# Subbasis of a weak topology

Let $\{(X_\alpha,\mathscr{T}_\alpha):\alpha\in\Lambda\}$ be an indexed family of topological spaces, and for each $\alpha\in\Lambda$ let $f_\alpha:X\to X_\alpha$ be a function. Furthermore, let $\mathscr{T}$ be the weak topology on X induced by $\{f_\alpha:\alpha\in\Lambda\}$. Then $\mathscr{L}=\{f_\alpha^{-1}(U_\alpha):\alpha\in\Lambda; U_\alpha\in\mathscr{T}_\alpha\}$ is a subbasis for $\mathscr{T}$.

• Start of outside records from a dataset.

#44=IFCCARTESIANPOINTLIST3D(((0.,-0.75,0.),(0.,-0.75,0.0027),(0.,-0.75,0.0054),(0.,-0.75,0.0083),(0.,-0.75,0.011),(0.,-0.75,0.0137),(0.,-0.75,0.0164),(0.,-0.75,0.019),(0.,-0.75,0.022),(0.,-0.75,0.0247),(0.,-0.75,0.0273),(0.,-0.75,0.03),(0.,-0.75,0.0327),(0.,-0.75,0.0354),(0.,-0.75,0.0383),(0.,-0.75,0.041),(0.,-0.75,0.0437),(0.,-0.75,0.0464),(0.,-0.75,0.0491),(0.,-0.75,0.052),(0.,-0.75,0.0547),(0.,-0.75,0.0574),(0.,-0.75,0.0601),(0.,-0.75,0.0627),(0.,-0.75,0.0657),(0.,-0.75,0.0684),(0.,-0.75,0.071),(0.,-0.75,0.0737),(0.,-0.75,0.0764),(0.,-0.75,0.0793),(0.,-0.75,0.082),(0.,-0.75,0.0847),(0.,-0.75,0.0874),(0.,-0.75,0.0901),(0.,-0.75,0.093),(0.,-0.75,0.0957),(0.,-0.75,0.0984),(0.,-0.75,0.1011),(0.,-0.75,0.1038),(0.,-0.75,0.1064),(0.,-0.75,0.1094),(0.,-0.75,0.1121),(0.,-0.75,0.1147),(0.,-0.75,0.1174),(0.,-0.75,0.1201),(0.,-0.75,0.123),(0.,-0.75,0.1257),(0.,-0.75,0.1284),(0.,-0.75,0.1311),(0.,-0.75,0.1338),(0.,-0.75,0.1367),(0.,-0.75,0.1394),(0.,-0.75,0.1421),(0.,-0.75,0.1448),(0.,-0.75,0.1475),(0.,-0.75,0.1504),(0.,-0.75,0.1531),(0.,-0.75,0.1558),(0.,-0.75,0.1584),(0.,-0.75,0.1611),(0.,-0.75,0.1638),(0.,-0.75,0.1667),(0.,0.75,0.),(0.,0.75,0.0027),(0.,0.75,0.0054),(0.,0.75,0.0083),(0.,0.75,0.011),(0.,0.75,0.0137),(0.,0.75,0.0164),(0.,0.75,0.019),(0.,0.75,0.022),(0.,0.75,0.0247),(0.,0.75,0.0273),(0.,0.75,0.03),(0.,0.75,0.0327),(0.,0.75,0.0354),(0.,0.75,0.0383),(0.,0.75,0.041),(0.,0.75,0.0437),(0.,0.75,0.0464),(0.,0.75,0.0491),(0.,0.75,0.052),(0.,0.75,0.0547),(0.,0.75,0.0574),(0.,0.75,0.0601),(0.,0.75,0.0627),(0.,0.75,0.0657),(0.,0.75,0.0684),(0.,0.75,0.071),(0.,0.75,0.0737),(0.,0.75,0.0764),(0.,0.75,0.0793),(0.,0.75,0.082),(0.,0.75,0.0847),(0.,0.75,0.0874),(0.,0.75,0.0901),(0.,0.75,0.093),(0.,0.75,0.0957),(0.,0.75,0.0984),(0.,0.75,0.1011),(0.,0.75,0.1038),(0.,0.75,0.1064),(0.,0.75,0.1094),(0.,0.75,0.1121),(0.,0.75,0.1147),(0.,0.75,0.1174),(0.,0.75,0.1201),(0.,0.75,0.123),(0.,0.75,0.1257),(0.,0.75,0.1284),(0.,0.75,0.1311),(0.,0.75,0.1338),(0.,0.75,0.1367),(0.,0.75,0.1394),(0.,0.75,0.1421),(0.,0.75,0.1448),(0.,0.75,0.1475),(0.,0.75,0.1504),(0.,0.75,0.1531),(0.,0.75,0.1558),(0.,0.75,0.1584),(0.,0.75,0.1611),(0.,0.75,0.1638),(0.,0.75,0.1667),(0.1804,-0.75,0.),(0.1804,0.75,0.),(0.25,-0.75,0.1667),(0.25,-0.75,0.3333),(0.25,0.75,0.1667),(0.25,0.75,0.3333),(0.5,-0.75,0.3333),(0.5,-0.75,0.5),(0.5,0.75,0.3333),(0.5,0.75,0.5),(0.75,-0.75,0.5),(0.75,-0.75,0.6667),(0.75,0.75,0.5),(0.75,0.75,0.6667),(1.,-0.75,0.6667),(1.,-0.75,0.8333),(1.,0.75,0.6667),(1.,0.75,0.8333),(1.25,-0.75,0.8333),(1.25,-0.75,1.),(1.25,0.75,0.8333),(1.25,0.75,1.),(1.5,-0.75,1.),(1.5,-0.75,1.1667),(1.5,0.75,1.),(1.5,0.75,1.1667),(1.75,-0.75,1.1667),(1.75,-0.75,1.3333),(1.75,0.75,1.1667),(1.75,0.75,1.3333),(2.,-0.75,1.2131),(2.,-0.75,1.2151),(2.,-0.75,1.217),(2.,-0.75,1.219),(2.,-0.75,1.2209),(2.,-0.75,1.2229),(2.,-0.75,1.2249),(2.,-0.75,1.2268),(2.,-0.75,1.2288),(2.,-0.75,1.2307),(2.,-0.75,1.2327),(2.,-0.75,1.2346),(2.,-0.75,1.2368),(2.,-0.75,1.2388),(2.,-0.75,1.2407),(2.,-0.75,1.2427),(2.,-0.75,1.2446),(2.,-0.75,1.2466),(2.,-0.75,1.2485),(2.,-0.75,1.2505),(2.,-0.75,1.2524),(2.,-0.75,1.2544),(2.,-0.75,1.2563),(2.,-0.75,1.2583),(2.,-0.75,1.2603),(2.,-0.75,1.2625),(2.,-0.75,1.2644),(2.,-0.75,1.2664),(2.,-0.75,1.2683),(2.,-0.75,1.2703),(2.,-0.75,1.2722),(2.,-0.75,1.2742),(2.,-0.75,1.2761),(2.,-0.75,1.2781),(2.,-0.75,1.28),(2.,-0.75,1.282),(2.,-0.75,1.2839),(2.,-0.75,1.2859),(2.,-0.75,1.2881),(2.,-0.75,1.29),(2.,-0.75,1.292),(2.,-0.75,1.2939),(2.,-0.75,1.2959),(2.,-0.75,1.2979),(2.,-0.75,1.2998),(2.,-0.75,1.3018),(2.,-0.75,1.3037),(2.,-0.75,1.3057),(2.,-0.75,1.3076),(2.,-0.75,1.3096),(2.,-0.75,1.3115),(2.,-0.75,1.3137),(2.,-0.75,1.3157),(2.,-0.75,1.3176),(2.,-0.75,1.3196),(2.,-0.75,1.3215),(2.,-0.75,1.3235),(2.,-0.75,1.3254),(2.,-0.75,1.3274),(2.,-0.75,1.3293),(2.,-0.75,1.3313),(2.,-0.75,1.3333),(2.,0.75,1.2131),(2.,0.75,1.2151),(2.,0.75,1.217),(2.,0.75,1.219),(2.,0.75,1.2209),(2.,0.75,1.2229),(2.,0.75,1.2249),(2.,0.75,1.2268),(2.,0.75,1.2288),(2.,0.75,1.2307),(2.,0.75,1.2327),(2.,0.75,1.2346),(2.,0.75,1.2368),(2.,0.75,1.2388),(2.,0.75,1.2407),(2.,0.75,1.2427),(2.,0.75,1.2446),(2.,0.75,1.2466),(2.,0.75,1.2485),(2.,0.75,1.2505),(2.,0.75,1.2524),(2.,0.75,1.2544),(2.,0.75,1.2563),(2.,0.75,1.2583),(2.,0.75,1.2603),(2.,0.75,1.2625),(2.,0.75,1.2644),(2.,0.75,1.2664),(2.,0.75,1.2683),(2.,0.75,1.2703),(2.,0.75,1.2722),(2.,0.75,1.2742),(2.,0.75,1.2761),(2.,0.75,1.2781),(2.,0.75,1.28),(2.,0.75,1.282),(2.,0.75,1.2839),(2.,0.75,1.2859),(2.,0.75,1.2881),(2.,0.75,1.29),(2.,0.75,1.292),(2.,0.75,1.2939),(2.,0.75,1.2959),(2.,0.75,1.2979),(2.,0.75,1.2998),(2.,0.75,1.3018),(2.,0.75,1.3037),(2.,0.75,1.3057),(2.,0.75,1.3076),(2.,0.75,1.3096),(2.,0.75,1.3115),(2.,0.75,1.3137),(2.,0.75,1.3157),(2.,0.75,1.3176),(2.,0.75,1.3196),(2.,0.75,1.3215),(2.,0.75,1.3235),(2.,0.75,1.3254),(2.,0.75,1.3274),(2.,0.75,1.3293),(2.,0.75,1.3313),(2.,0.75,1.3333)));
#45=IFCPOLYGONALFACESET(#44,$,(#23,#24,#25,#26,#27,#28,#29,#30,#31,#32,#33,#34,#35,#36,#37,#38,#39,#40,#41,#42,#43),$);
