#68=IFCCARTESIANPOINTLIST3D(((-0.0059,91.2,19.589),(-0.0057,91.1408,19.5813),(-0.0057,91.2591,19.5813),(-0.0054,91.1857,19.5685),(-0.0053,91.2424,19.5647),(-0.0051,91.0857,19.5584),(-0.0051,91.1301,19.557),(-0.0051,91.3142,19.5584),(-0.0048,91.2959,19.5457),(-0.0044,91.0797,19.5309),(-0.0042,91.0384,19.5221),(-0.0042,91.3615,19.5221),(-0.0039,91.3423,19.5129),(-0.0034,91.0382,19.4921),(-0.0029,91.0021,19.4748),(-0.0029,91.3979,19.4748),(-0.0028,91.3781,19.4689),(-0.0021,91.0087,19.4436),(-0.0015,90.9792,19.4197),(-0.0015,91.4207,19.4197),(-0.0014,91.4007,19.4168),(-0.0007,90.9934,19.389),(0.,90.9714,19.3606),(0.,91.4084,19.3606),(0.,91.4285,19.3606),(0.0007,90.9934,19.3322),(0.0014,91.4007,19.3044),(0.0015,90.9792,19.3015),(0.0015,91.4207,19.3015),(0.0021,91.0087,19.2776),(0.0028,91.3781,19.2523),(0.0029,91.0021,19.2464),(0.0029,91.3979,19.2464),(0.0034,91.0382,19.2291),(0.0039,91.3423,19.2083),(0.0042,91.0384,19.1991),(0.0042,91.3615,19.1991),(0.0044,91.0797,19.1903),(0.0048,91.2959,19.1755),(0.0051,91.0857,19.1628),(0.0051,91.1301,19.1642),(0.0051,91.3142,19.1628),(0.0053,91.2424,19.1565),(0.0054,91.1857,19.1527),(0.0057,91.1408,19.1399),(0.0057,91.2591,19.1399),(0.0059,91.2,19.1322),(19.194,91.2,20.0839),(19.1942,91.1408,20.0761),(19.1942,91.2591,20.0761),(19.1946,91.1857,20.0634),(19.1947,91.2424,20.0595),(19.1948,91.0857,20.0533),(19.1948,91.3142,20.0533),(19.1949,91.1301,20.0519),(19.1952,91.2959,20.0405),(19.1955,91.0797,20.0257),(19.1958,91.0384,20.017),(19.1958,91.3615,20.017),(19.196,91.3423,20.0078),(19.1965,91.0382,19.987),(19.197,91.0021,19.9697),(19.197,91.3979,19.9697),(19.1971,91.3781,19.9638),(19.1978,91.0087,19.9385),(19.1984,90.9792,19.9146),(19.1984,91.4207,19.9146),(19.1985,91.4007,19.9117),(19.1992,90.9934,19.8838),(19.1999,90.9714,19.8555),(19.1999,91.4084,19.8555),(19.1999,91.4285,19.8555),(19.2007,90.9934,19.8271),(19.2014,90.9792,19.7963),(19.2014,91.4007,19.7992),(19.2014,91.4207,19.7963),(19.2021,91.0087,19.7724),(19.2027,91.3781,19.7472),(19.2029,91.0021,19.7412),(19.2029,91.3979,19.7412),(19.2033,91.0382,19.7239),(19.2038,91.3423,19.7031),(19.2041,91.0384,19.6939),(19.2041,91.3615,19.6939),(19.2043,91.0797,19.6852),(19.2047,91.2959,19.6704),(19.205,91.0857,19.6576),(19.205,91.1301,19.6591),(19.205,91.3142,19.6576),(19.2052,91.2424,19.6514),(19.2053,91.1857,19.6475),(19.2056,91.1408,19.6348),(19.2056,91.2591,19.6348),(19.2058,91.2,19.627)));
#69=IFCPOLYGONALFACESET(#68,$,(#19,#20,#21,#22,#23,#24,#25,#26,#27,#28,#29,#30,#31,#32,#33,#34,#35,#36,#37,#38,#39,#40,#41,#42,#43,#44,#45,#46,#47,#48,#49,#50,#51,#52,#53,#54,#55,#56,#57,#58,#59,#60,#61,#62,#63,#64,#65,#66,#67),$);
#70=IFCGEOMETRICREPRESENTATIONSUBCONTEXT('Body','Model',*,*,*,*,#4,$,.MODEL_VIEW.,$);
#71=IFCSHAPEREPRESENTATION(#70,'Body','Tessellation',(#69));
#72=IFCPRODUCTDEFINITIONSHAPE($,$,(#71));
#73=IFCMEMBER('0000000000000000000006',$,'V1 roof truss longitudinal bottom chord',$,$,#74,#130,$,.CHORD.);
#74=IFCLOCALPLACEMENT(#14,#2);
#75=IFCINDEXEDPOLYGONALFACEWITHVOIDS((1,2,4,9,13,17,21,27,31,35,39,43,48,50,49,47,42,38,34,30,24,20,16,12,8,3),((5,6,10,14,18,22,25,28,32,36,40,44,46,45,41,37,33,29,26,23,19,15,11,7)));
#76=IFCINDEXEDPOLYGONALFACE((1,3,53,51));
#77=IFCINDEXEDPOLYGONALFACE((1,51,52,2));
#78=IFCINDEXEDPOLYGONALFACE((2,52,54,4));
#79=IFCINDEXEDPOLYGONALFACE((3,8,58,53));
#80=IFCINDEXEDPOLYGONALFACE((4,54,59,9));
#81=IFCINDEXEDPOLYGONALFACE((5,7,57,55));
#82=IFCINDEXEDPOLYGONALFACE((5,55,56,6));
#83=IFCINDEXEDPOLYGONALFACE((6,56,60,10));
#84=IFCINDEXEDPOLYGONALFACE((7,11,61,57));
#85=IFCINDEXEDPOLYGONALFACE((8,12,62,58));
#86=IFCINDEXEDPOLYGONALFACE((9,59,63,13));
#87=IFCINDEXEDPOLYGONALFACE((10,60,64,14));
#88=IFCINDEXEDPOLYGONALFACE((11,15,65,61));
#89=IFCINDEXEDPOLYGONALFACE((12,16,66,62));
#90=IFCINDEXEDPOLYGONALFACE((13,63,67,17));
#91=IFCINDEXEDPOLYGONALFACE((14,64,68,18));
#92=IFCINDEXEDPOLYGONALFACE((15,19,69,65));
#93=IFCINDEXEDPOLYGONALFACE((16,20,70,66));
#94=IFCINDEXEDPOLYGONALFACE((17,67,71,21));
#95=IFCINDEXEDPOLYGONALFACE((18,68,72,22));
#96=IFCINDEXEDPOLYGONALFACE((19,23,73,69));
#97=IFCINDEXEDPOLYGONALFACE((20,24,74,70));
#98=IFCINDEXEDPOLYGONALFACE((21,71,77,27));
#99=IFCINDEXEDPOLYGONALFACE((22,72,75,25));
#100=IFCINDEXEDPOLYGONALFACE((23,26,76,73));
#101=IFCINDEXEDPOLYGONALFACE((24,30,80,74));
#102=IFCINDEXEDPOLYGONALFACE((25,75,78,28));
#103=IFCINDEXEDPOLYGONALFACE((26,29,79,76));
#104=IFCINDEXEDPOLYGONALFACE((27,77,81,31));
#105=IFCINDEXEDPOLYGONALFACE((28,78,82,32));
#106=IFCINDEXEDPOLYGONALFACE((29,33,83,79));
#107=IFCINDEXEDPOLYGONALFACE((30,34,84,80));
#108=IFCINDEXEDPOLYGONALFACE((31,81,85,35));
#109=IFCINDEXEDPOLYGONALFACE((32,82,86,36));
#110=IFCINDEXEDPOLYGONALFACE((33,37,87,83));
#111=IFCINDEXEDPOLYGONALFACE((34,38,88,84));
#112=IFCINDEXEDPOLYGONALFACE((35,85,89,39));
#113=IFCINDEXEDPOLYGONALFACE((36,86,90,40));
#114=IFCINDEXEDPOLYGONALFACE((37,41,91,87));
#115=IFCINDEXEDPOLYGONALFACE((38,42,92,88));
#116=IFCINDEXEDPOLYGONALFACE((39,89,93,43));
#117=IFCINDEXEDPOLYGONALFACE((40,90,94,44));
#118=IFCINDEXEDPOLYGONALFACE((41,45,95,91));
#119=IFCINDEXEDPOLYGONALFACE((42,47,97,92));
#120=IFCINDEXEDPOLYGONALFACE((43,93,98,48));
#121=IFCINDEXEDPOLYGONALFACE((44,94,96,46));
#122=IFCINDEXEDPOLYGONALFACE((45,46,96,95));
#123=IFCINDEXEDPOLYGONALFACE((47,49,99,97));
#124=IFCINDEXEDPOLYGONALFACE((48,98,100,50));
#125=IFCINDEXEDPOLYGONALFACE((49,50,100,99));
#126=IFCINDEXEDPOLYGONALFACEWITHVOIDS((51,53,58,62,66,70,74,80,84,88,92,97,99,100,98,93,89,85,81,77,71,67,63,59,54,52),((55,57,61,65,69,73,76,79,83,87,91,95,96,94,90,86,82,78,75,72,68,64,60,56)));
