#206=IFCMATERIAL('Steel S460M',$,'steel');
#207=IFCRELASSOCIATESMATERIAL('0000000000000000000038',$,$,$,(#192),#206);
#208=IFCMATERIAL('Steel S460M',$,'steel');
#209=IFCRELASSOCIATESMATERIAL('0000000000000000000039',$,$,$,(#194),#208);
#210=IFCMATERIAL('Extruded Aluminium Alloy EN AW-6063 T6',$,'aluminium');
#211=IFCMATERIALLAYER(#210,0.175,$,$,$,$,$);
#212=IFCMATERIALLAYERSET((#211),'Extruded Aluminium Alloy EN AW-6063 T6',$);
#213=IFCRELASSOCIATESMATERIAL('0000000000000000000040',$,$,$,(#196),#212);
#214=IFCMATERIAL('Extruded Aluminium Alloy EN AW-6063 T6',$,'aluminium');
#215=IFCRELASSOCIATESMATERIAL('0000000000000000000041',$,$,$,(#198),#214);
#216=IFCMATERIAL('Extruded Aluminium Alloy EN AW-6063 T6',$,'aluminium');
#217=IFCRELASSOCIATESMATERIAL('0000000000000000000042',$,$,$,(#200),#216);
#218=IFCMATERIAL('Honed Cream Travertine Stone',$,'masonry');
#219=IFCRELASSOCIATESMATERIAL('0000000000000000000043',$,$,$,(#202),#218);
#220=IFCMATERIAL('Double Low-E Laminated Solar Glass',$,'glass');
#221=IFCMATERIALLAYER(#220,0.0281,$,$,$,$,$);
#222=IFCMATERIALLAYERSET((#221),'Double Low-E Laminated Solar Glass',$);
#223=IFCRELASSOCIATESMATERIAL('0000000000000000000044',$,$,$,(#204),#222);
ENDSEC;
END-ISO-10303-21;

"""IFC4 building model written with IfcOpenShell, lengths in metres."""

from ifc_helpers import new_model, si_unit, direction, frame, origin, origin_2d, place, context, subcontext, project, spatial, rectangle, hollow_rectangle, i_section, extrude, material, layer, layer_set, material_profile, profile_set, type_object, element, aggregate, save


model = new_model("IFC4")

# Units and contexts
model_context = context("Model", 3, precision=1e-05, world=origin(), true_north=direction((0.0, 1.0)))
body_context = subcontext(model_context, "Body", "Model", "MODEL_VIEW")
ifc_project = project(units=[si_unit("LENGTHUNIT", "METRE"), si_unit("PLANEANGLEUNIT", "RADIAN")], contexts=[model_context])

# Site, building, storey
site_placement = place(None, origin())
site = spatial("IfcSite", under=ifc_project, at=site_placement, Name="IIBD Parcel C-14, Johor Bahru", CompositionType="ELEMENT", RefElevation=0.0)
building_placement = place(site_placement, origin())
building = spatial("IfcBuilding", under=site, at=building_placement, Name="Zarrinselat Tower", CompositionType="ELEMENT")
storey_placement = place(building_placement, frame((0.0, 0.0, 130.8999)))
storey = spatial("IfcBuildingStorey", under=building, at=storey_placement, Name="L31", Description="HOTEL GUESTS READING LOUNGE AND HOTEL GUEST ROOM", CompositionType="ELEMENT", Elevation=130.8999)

I have tried this: Since $f_\alpha$ is continuous therefore $f_\alpha^{-1}(U_\alpha)$ is open then, intersections of elements of $\mathscr{L}$ are open. Let $\mathscr{B}$ be the set of all of those finite intersections then if $B_1,B_2\in\mathscr{B}$ and $x\in B_1\cap B_2$, ($x\in X$), then there exist $B\in\mathscr{B}$ such that $x\in B$ and $B\subseteq B_1\cap B_2$. I need to prove that $X=\cup\{B:B\in\mathscr{B}\}$.

• First I would like to know some important properties of a weak topology.
• And of course I would like to see a proof of this theorem please.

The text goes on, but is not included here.